Unlike automobiles, where the aforementioned options are all related to convenience and comfort, pressurization in an aircraft is directly connected to safety and performance. Pressurization allows an airplane to fly higher and faster, above the terrain
and much of the weather, meanwhile pampering its crew and passengers with air-conditioning. It’s perhaps aviation’s ultimate creature comfort.
I’ve been fortunate to fly a wide variety of pressurized aircraft, from the Lancair IV-P to the Swearingen SJ30 corporate jet, and current generation aircraft fly behind pressurization differentials as high as 9.0 psi.
Contrary to what you might imagine, there’s nothing very exotic about pressurization. At sea level, we have 14.7 psi of atmosphere pressing down on us; at 50,000 feet, most of the atmosphere is far below, so the pressure is only 1.69 psi. If you’re flying at 50,000 feet with a 9.0 psi differential, your total pressure will be 9.00 plus 1.69, or 10.69, roughly equivalent to a 7,500-foot cabin altitude. You can’t use a straight-line function for middle altitudes because the pressure is obviously heaviest at the bottom of the atmosphere where the weight of the air above pushes down the hardest. There are charts on the Internet to provide exact atmospheric equivalent, if you’re interested.

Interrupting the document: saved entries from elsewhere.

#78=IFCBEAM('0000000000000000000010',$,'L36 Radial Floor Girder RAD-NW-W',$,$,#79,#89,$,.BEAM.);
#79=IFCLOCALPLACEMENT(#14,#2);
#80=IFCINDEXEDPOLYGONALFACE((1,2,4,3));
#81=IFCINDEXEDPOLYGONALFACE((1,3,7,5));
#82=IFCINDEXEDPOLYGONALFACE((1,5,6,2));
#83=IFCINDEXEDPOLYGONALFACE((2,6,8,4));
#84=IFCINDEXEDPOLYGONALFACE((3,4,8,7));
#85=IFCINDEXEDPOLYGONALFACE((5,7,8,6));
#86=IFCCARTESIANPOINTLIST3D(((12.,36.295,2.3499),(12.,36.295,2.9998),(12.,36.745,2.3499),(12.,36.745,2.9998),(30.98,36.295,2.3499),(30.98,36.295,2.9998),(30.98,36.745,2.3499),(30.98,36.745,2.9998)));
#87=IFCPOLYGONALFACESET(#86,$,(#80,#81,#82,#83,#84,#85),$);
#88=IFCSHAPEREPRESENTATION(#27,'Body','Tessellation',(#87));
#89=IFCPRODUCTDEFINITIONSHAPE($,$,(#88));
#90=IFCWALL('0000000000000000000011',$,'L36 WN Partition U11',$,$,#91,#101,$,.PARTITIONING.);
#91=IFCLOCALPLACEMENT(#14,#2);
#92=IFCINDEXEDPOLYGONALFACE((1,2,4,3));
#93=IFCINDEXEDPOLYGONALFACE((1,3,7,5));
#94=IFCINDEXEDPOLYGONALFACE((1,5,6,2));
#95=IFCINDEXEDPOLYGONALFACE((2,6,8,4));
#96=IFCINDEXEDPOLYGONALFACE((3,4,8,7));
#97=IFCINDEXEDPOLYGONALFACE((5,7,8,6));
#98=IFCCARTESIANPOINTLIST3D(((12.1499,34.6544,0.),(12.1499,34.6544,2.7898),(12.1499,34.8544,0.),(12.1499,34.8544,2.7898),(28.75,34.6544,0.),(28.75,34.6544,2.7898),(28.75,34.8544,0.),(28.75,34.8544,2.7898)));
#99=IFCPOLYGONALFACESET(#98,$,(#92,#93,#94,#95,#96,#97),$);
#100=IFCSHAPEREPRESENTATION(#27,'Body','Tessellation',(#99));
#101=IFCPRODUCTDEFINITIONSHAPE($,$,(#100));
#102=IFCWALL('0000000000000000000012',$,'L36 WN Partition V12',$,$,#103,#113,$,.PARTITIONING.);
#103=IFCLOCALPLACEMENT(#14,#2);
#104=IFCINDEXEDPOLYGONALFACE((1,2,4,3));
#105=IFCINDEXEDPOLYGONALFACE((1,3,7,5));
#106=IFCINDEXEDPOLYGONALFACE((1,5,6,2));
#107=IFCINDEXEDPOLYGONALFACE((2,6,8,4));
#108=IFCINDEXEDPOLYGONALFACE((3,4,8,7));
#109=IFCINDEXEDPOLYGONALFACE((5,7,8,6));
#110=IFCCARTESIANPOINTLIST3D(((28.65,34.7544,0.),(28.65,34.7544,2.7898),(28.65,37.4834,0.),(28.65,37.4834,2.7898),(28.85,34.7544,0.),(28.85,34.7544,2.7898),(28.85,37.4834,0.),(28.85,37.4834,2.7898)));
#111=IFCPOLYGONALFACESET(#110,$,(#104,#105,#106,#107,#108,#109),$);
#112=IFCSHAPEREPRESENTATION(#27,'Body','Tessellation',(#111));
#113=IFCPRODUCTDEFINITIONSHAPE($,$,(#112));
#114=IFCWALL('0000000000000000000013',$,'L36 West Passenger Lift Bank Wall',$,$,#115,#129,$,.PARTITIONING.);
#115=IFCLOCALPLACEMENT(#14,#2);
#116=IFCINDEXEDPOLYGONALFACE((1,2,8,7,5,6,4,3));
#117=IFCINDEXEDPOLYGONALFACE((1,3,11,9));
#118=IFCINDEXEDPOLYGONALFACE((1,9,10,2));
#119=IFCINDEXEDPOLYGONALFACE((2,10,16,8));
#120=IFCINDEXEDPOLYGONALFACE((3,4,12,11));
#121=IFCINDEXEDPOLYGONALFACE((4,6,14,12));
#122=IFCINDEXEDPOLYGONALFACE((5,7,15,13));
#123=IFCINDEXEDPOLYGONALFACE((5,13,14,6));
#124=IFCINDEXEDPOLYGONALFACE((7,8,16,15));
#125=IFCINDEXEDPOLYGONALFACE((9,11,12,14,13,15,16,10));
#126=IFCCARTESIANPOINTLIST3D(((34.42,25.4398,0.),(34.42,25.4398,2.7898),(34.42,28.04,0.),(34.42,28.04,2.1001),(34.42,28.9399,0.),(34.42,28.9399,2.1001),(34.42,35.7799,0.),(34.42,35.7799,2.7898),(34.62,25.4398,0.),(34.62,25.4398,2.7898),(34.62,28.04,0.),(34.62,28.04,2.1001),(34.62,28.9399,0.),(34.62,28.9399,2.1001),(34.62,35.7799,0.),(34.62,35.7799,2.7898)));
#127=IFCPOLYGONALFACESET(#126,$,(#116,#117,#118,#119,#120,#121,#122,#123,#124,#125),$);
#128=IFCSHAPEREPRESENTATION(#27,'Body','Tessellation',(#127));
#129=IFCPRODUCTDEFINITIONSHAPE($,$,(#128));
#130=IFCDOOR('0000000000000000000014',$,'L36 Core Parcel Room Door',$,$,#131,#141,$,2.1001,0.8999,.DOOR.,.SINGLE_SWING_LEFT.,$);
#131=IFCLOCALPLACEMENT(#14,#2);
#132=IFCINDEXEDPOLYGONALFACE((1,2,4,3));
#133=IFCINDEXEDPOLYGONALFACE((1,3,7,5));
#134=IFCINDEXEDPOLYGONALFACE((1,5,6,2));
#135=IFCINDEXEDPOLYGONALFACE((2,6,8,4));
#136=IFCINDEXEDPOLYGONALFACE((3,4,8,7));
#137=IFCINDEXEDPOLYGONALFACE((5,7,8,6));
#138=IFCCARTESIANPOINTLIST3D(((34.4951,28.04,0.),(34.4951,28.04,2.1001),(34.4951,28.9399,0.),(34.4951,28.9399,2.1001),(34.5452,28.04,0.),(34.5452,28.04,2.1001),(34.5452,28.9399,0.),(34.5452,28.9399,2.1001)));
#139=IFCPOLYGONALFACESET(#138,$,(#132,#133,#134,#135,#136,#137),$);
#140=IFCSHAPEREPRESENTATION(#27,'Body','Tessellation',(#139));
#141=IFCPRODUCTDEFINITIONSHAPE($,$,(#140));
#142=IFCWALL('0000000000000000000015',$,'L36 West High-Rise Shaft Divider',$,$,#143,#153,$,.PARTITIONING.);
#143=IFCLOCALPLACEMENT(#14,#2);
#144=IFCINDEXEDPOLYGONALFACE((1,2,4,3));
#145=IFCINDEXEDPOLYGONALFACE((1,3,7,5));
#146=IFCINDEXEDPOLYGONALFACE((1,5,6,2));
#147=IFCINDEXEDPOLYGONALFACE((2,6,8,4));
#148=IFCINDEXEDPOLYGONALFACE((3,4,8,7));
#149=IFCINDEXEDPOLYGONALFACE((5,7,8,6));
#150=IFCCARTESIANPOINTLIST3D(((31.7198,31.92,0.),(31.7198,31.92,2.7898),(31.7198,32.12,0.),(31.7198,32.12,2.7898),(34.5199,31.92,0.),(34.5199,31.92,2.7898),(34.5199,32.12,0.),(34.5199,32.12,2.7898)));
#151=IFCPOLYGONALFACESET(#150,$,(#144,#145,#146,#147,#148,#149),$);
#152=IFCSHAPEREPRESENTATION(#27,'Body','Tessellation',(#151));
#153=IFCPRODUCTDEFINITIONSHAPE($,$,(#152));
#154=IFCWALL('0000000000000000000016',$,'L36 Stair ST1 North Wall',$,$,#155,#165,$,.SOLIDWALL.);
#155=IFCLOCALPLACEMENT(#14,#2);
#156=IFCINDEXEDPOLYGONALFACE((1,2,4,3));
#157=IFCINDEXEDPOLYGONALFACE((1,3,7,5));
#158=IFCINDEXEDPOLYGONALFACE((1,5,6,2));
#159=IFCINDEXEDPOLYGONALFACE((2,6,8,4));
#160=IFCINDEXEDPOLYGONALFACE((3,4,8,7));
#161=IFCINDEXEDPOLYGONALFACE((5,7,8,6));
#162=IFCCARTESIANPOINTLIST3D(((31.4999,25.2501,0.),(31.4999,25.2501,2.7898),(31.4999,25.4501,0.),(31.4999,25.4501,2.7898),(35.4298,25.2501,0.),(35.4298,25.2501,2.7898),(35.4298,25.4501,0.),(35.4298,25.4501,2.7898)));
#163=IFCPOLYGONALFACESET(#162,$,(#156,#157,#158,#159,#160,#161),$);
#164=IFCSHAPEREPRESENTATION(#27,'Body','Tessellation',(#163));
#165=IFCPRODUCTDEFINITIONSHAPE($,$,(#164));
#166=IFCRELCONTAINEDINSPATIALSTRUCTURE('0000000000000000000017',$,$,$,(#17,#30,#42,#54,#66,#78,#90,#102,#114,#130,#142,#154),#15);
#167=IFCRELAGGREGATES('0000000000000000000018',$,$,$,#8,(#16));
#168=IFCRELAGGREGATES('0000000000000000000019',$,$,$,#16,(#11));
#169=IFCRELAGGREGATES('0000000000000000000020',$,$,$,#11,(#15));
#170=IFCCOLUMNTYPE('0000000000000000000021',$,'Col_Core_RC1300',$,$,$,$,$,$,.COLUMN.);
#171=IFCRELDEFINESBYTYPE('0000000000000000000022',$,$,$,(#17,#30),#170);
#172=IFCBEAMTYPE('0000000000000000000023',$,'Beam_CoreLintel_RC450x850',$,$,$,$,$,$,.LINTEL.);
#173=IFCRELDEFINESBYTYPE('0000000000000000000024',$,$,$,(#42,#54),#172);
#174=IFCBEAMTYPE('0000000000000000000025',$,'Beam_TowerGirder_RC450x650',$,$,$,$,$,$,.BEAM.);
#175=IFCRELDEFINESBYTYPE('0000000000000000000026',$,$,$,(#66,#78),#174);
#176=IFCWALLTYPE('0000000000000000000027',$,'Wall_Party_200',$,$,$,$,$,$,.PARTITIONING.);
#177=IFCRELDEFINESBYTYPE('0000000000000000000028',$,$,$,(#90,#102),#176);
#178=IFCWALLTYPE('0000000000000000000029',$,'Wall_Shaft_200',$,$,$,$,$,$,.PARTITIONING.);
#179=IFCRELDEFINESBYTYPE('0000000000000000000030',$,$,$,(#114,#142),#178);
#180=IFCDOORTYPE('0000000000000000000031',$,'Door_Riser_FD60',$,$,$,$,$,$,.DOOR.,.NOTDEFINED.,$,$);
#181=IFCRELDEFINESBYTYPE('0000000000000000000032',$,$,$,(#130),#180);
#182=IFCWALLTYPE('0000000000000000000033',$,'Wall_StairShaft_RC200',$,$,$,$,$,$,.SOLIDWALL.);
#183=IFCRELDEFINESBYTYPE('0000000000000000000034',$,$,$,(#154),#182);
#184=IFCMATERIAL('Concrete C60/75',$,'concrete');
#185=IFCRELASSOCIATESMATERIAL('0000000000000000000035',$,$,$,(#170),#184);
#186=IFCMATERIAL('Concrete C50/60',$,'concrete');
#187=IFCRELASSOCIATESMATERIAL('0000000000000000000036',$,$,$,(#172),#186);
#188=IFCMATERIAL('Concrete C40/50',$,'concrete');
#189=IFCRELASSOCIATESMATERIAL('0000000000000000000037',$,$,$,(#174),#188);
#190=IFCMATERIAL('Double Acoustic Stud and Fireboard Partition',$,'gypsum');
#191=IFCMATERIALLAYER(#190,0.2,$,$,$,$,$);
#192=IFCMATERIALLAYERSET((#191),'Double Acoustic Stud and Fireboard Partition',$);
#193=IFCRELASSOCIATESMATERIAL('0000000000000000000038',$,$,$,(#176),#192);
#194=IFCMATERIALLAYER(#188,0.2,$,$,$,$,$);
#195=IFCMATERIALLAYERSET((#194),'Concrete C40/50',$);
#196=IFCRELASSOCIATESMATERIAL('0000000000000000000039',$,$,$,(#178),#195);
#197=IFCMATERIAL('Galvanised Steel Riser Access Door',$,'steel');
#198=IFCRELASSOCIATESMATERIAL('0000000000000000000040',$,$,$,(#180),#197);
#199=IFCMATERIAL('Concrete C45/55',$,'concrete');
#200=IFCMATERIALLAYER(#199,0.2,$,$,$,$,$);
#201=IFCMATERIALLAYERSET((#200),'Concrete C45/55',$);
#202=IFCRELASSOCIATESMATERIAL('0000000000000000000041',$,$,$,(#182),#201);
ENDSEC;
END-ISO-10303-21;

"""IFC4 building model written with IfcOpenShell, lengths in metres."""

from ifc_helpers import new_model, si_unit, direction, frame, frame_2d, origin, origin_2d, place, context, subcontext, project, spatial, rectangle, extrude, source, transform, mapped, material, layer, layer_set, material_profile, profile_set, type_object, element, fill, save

Operationally, pressurization couldn’t be much simpler. You simply set the controller to 1,000-1,500 feet above the elevation of either your departure or destination airport, whichever is higher, turn the system on and go fly.
The controller will allow the cabin altitude to rise as the airplane climbs, usually at about half of the aircraft’s climb rate. When the cabin altitude reaches the preset limit, the controller will automatically level the cabin regardless of the pilot’s selected cruise altitude.
If the pilot opts for a cruise height that’s higher than the pressurization differential can support, the cabin altitude will begin to rise as the airplane climbs. For example, a 5.0 psi differential will support a cabin altitude of 9,000 feet at an airplane altitude of 25,000 feet. If the airplane climbs to 26,000 feet, the cabin will rise accordingly to 10,000 feet.
Pressurization has some peripheral benefits that might not seem immediately apparent. Night flying presents special vision challenges for pilots, as the lack of oxygen reduces visual acuity. If you have pressurization, you can depart and set the differential to ground level or below once the aircraft is in flight. With a 5.0 psi differential, you could climb to 12,000 feet, and the cabin would never climb above sea level. Your eyes would be tricked into thinking you were still at sea level.
It’s perhaps only appropriate that pilots who most need pressurization are those who have arrived financially, often older aviators. Pressurization is a totally transparent system when it’s working properly. Most of the time, you simply set it and forget it. If you do it right, you won’t even know it’s there.
I have a good friend who owns an early Piper Malibu and says he uses the pressurization for an extra charge of oxygen when he’s feeling tired. He flies his airplane up and down the West Coast for business several times a week and says he’ll sometimes deliberately set the pressure controller to the absolute bottom setting—about -2,000 feet—and enjoy refreshing, high oxygen levels on short flights around coastal California while cruising comfortably at 8,000 feet or more.
Of course, the question everyone wants answered is how much does pressurization cost. That can be tough, as it’s not typically something you can buy as an option, but there have been a few models over the years that have been built in both pressurized and unpressurized configurations.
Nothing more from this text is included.